Consils Thu 25-Apr-13 14:38:01

And lots of handholding from this end.

Had a rough day, slept all morning and then police brought me back because I walked away from staff on leave, very tired.

Have watched Masterchef and had a chicken sandwich. Oh so exciting. Am also in flowery leggings again.
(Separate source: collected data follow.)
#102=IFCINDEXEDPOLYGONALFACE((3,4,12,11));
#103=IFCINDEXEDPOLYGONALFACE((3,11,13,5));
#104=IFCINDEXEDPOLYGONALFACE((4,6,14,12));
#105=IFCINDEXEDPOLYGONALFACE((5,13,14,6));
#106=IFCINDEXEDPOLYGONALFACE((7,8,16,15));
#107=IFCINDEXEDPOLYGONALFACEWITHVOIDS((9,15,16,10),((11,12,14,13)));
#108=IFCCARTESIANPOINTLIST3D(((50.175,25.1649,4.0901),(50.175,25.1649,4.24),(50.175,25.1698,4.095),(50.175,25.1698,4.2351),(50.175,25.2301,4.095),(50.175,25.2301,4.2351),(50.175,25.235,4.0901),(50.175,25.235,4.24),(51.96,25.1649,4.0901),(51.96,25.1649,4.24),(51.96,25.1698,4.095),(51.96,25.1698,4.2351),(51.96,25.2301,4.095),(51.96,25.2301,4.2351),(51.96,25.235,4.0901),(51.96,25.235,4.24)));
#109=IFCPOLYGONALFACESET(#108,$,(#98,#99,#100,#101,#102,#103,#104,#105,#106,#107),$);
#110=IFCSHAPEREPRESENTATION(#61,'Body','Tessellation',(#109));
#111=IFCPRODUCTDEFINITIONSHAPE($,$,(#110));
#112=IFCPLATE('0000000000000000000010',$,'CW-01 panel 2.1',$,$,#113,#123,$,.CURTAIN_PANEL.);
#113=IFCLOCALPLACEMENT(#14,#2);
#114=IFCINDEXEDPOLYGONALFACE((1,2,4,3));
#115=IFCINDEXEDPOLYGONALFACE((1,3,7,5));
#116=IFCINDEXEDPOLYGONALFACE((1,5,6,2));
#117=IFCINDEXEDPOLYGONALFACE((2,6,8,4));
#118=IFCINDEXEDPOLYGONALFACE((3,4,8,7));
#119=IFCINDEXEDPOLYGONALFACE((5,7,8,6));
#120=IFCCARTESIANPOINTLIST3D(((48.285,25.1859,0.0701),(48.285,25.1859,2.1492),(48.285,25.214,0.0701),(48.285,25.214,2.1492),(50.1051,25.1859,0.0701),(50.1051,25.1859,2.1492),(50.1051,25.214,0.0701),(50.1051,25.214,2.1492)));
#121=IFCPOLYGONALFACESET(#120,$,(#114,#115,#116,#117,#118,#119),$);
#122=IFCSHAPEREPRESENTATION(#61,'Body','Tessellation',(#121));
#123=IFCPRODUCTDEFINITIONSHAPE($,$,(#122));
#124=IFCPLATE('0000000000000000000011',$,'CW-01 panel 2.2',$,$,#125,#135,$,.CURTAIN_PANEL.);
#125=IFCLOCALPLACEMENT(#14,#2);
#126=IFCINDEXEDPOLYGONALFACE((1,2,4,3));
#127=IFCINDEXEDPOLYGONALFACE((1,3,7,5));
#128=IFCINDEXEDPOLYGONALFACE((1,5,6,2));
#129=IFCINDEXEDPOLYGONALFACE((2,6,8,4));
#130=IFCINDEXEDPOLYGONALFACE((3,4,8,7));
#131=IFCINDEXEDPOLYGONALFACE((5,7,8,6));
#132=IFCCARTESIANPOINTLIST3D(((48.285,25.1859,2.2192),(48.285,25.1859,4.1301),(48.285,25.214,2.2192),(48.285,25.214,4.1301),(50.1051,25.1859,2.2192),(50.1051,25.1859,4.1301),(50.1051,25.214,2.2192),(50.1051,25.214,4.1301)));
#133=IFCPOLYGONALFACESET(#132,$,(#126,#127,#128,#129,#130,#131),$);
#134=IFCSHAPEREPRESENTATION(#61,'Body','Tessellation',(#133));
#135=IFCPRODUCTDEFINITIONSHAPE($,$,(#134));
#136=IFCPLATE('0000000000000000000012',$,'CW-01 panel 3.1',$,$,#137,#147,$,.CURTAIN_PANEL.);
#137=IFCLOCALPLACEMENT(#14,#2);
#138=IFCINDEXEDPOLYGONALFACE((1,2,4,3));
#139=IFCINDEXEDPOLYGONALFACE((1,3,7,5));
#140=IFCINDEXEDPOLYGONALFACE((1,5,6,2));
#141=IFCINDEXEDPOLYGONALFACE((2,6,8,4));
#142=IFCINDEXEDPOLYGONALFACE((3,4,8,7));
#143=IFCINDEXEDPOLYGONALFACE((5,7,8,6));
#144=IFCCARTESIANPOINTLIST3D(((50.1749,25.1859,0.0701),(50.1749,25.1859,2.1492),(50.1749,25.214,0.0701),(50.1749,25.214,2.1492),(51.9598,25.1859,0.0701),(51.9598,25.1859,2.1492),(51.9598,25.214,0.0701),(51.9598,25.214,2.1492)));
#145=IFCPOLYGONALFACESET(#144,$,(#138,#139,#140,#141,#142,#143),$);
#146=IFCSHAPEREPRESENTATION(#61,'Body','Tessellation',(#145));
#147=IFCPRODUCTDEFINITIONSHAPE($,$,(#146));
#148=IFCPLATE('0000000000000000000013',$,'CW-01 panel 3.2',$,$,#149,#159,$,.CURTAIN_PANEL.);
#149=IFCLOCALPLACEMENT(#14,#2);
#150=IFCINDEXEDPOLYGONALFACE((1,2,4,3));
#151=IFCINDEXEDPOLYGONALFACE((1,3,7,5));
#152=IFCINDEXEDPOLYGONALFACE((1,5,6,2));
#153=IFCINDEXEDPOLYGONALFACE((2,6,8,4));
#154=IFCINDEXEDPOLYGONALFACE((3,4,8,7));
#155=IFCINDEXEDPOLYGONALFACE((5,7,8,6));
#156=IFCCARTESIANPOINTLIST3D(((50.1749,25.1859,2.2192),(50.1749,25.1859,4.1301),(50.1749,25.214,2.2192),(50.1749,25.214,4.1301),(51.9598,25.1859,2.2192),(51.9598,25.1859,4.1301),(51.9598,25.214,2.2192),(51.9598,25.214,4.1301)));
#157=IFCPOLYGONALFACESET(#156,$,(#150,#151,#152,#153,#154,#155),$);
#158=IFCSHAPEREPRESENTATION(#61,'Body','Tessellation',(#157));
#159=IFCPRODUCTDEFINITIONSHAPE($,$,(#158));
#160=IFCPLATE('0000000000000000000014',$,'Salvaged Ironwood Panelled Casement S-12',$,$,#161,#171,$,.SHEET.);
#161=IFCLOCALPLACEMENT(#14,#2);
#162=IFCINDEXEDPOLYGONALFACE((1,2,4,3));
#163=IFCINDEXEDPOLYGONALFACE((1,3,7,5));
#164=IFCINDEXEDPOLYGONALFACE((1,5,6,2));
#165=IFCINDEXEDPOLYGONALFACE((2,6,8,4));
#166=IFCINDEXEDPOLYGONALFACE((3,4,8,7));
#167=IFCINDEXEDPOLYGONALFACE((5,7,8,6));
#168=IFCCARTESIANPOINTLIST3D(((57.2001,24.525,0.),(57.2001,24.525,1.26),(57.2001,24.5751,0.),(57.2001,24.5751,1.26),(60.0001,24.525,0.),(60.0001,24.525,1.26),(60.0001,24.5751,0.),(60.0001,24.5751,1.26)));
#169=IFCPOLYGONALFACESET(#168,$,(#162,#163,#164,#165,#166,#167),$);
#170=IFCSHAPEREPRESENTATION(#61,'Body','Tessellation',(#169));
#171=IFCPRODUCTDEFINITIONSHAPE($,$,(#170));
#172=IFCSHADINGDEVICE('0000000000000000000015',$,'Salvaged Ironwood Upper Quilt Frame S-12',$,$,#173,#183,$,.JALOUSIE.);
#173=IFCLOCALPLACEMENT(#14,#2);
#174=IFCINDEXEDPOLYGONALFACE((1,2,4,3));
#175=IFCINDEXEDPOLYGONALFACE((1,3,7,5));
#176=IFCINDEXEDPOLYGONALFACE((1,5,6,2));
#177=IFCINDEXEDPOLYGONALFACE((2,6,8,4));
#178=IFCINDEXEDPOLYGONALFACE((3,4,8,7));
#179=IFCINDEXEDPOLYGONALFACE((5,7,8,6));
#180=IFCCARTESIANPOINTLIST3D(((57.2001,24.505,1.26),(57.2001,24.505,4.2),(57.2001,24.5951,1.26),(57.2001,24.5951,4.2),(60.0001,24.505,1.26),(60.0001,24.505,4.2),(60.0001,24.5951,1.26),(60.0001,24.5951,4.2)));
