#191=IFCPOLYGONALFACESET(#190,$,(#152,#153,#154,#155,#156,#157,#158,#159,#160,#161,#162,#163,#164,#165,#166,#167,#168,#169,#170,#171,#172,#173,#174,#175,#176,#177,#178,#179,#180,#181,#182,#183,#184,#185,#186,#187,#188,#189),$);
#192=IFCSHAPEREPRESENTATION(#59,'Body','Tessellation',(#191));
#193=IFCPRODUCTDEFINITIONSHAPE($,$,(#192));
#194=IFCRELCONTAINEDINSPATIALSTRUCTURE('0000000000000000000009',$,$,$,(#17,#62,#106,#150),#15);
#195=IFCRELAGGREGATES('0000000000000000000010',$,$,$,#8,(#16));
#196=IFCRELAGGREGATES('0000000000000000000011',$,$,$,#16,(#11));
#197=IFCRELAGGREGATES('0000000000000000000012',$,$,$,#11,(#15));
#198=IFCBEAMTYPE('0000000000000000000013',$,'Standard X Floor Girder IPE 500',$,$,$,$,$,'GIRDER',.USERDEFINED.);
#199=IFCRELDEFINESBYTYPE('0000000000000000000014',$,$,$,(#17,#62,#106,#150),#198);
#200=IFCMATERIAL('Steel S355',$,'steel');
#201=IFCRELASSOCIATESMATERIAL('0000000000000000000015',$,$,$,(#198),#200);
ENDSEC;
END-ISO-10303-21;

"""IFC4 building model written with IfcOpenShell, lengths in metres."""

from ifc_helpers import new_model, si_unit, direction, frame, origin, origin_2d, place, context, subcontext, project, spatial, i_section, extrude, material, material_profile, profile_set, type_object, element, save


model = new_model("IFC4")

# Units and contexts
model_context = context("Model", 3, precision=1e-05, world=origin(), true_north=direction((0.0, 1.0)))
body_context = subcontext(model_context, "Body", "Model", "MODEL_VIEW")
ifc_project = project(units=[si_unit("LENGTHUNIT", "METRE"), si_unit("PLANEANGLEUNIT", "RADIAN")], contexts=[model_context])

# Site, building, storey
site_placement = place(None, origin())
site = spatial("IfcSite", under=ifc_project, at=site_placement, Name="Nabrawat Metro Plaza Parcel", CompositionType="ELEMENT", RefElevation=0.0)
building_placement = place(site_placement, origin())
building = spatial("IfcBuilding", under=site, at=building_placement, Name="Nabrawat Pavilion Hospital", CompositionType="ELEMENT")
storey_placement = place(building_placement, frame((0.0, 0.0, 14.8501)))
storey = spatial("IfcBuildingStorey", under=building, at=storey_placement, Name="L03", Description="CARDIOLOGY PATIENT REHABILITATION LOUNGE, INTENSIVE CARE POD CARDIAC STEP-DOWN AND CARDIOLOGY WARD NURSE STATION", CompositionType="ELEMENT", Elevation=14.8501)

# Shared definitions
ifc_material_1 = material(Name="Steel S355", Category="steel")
TheSilveryPussycat Thu 25-Apr-13 22:35:19

I watched Masterchef too, and actually I found it very exciting in its own way. Though I felt v sorry for those 2 blokes.

Still not sourced leggings. Though it was that cold that I wore my brown knitted cable ones earlier this week.

TheSilveryPussycat Sat 27-Apr-13 15:55:30

fluffy? how are you?

SnowyMouse Sat 27-Apr-13 15:59:57

Thinking of you Fluffy. Have you heard how the assessment went?

pepperrabbit Sat 27-Apr-13 18:52:41

How are you today fluffy?
It's much colder here and we've had hail and brilliant sunshine as well.

Hi, sorry, I am around, just quiet.

No idea about assessment. Feel a bit frustrated all round.

It is much much cooler here today, long sleeves on again!

Sunnywithshowers Sun 28-Apr-13 01:05:29

It's colder here too - we put the heating on today.

Hugs xxx

Had a very dull week, just pootled around really. I have been home with DH, and been to the local shops alone. Might sleep at home this weekend. They are talking about planning my discharge.

At the moment I just feel very disconnected from everything, I feel very low most of the time but there is no point in telling anyone because I always feel low. I wake up disappointed I am alive. I suppose it is good that I am not doing too much to make that happen. I am very uncertain about the future and it feels very hopeless.

SnowyMouse Wed 01-May-13 18:32:25

Hi fluffy It is important people know you are still feeling low, you don.t have to say why.

How do you feel about discharge?

This thread is not accepting new messages.